Quantitative metrics of bipolar electrograms predict ablation success in focal PVCs

Abstract

We read with much interest the paper by Jeong et al. entitled “Quantitative analyses of the distal bipolar electrogram for focal premature ventricular contraction ablation”.¹ The authors are to be welcomed for their effort to bring in objective electrogram parameters into a field long under the grip of empirical interpretation. Their application of t½, slope factor (S), and onset-to-surface ECG time (Ts) offers a robust statistical basis for the discrimination of near-field vs. far-field bipolar electrograms (bi-EGMs) in catheter ablation of idiopathic PVCs. These parameters showed good discrimination using area under the curve (AUC) values greater than 0.85.
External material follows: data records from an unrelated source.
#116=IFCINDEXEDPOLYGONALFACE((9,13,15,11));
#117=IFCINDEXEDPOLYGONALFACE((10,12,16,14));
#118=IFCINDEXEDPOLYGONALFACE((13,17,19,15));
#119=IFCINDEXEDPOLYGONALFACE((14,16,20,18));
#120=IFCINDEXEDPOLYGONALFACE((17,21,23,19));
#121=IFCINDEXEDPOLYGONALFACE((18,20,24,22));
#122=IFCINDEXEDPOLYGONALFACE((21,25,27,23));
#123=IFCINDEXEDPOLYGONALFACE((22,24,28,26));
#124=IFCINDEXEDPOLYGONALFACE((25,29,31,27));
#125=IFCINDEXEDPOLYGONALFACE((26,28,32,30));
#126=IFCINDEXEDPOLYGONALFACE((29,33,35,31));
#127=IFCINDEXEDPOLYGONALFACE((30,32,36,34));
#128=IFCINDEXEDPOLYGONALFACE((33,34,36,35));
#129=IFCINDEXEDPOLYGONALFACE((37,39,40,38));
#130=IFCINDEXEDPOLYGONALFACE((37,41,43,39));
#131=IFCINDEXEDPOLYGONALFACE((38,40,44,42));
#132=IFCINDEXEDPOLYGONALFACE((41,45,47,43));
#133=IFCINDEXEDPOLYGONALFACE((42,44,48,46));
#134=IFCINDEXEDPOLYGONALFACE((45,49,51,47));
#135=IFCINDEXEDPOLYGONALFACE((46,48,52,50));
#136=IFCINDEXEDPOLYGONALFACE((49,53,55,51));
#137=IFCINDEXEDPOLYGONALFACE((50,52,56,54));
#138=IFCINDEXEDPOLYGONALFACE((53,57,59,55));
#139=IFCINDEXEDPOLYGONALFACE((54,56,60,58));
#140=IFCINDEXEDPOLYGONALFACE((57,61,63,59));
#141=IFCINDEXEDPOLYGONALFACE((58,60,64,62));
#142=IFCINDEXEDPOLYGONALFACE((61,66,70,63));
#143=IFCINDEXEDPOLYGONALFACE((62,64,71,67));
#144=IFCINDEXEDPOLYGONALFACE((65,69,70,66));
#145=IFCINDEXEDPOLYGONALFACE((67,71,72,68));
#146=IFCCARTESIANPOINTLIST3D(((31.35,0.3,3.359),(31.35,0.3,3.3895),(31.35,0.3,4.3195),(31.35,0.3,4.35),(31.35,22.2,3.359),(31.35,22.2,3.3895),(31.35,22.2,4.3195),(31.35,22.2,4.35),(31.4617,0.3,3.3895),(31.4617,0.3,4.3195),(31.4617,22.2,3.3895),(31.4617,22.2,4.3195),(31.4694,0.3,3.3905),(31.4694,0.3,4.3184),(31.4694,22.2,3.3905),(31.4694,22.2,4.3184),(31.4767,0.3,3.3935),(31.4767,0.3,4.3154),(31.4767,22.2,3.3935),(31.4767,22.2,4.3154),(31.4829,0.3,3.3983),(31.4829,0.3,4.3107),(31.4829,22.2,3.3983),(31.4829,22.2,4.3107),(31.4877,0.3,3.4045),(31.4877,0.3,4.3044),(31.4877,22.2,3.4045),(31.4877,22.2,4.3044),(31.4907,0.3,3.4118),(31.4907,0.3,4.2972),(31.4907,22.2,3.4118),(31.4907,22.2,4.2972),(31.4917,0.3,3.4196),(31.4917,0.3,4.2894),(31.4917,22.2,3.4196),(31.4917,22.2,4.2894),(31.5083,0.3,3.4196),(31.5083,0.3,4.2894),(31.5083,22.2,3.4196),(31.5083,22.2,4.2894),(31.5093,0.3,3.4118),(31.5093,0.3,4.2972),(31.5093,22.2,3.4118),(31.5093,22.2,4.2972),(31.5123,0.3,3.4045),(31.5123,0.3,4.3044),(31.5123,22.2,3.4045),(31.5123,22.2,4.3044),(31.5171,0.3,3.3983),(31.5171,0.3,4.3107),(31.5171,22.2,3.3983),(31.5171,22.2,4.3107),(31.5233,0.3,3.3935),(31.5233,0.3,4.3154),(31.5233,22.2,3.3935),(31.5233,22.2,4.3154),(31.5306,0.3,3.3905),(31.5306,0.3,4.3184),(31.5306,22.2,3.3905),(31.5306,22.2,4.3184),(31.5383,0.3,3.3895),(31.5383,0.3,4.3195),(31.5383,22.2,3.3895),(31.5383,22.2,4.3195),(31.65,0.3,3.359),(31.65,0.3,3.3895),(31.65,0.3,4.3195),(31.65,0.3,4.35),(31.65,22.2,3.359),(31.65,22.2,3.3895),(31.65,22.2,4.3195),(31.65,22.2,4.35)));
Yet, there are some points to note and areas of potential improvement. First, the retrospective single-center study with just 41 cases could be a drawback regarding external generalizability. Prospective multicenter validation with different operators and variable anatomical complexity is called for. Second, though the authors excluded unipolar EGM analysis owing to previously reported limitations,² comparative analysis would have given interesting insight into the incremental value of bipolar quantification.

The incorporation of these parameters into electroanatomic mapping platforms also poses questions regarding feasibility. For instance, whereas t½ and Ts are easy to compute, the calculation of the slope factor S through nonlinear regression might not be practical in real-time without software development or adaptation.³ Further, while the authors propose Ts values can be used to predict lesion depth (~4 mm), this presumption must be histologically validated since lesion depth is also determined by catheter force, duration, and tissue thickness.⁴

Another noteworthy point is that the count of deflections (De#), a venerable target in scar-based VT ablation, lacked predictive ability regarding ablation success in this series. This contradicts common practices and favors a move toward sharper and earlier bi-EGM features as better indicators of effective lesion targeting. But fractionation morphology analysis instead of mere deflection count may provide greater insight into future work.⁵

Despite such restraints, the study is a valuable step toward standardization of EGM interpretation and could potentially have important clinical applications if used in conjunction with real-time mapping systems. We would support further multicenter prospective investigations and further development of automated tools to compute these parameters during ablation (Table 1).

The authors declare no conflicts of interest.